Additional Resources: We will place additional materials including R scripts, data sets, tutorials, and errata at our github site
https://github.com/lchihara/MathStatsResamplingR.
Northfield MN
Laura M. Chihara
Seattle WA
Tim C. Hesterberg
April 2022
Note
1
Try googling “statistics sexy profession.”
1Data and Case Studies
Statistics is the art and science of collecting and analyzing data and understanding the nature of variability. Mathematics, especially probability, governs the underlying theory, but statistics is driven by applications to real problems.
In this chapter, we introduce several data sets that we will encounter throughout the text in the examples and exercises. These data sets are available in the R package resampledata3 or at the textbook website https://github.com/lchihara/MathStatsResamplingR.
1.1 Case Study: Flight Delays
If you have ever traveled by air, you probably have experienced the frustration of flight delays. The Bureau of Transportation Statistics maintains data on all aspects of air travel, including flight delays at departure and arrival.1
LaGuardia Airport (LGA) is one of three major airports that serves the New York City metropolitan area. In 2008, over 23 million passengers and over 375 000 planes flew in or out of LGA. United Airlines and American Airlines are two major airlines that schedule services at LGA. The data set FlightDelays contains information on all 4029 departures of these two airlines from LGA during May and June 2009 (Tables 1.1 and 1.2).
Table 1.1 Partial view of FlightDelays data.
Flight
Carrier
FlightNo
Destination
DepartTime
Day
1
UA
403
DEN
4–8 a.m.
Friday
2
UA
405
DEN
8–noon
Friday
3
UA
409
DEN
4–8 p.m.
Friday
4
UA
511
ORD
8–noon
Friday
Table 1.2 Variables in data set FlightDelays.
Variable
Description
Carrier
UA = United Airlines, AA = American Airlines
FlightNo
Flight number
Destination
Airport code
DepartTime
Scheduled departure time in 4 h intervals
Day
Day of week
Month
May or June
Delay
Minutes flight delayed (negative indicates early departure)
Delayed30
Departure delayed more than 30 min?
FlightLength
Length of time of flight (minutes)
Each row of the data set is an observation. Each column represents a variable – some characteristic that is obtained for each observation. For instance, on the first observation listed, the flight was a United Airlines plane, flight number 403, destined for Denver, and departing on Friday between 4 and 8 a.m. This data set consists of 4029 observations and 9 variables.
Questions we might ask include the following: Are flight delay times different between the two airlines? Are flight delay times different depending on the day of the week? Are flights scheduled in the morning less likely to be delayed by more than 15 min?
1.2 Case Study: Birth Weights of Babies
The birth weight of a baby is of interest to health officials since many studies have shown possible links between this weight and conditions in later life, such as obesity or diabetes. Researchers look for possible relationships between the birth weight of a baby and the age of the mother or whether or not she smoked cigarettes or drank alcohol during her pregnancy. The Centers for Disease Control and Prevention (CDC) maintains a database on all babies born in a given year,2 incorporating data provided by the US Department of Health and Human Services, the National Center for Health Statistics, and the Division of Vital Statistics. We will investigate different samples taken from the CDC's database of births.
One data set that we will investigate consists of a random sample of 1009 babies born in North Carolina during 2004 (Table 1.3). The babies in the sample had a gestation period of at least 37 weeks and were single births (i.e. not a twin or triplet).

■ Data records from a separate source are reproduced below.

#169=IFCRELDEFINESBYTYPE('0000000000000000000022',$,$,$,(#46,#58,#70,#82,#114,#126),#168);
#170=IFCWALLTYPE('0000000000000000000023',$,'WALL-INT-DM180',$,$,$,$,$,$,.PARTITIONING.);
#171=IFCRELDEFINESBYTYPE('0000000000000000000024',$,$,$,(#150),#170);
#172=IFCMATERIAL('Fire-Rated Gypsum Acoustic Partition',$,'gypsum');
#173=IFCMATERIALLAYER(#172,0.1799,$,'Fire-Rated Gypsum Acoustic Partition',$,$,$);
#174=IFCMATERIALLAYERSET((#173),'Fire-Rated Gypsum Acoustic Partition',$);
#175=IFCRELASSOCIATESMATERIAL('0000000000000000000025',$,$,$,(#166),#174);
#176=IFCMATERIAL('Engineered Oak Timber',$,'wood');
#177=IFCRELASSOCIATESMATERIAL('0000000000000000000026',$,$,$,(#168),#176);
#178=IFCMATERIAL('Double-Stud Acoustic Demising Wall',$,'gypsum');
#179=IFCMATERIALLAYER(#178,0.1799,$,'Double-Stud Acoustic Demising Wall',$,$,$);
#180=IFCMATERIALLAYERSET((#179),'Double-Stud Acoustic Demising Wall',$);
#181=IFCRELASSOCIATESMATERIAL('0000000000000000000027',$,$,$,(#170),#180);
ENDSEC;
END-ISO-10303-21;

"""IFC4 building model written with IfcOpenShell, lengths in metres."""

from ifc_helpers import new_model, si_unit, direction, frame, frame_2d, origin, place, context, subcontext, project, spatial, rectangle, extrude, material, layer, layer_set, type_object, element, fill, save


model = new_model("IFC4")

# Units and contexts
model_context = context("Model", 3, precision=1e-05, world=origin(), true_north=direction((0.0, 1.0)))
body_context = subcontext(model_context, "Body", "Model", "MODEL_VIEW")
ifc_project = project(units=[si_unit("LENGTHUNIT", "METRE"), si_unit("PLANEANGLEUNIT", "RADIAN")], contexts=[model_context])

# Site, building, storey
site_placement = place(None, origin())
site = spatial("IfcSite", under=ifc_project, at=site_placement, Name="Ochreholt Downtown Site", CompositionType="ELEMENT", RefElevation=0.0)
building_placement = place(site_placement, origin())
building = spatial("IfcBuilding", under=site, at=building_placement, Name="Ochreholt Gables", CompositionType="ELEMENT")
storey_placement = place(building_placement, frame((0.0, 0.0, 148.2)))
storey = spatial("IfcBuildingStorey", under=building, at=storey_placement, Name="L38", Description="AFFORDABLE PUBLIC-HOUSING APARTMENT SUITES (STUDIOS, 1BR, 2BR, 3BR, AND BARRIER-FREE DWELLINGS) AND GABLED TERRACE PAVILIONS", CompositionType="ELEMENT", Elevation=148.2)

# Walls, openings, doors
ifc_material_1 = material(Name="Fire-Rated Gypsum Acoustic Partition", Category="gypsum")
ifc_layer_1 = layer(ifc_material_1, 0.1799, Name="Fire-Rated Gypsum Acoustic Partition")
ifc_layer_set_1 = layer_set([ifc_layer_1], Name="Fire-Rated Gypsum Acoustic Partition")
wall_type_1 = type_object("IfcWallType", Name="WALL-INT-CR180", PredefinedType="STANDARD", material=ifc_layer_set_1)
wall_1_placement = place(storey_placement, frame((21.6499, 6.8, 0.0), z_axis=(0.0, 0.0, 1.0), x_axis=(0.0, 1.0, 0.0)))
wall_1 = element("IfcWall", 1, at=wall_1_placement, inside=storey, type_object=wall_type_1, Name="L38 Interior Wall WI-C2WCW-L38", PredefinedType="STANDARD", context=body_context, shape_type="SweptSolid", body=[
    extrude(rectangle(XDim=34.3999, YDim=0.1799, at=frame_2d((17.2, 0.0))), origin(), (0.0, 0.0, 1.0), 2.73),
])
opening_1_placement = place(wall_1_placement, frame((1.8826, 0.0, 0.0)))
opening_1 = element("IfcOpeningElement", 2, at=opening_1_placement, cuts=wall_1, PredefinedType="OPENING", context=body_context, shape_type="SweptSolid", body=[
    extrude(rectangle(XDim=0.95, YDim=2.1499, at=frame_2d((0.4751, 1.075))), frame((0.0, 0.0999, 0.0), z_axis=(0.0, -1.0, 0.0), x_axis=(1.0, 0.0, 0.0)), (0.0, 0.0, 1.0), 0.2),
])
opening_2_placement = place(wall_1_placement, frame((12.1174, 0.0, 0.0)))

Table 1.3 Variables in data set NCBirths2004.
Variable
Description
MothersAge
Mother's age
Smoker
Mother smoker or non‐smoker
Gender
Gender of baby
Weight
Weight at birth (grams)
Gestation
Gestation time (weeks)
In addition, we will also investigate a data set, Girls2004, consisting of a random sample of 40 baby girls born in Alaska and 40 baby girls born in Wyoming. These babies also had a gestation period of at least 37 weeks and were single births.
The data set TXBirths2004 contains a random sample of 1587 babies born in Texas in 2004. In this case, the sample was not restricted to single births, nor to a gestation period of at least 37 weeks. The numeric variable Number indicates whether the baby was a single birth, or one of a twin, triplet, and so on. The variable Multiple is a factor variable indicating whether or not the baby was a multiple birth.
1.3 Case Study: Verizon Repair Times
Verizon is the primary local telephone company (incumbent local exchange carrier (ILEC)) for a large area of the Eastern United States. As such, it is responsible for providing repair service for the customers of other telephone companies known as competing local exchange carriers (CLECs) in this region. Verizon is subject to fines if the repair times (the time it takes to fix a problem) for CLEC customers are substantially worse than those for Verizon customers.
The data set Verizon contains a sample of repair times for 1664 ILEC and 23 CLEC customers (Table 1.4). The mean repair times are 8.4 h for ILEC customers and 16.5 h for CLEC customers. Could a difference this large be easily explained by chance?
Table 1.4 Variables in data set Verizon.
Variable
Description
Time
Repair times (in hours)
Group
ILEC or CLEC
1.4 Case Study: Iowa Recidivism
When a person is released from prison, will he or she relapse into criminal behavior and be sent back? The state of Iowa tracks offenders over a 3‐year period, and records the number of days until recidivism for those who are readmitted to prison. The Department of Corrections uses this recidivism data to determine whether or not their strategies for preventing offenders from relapsing into criminal behavior are effective.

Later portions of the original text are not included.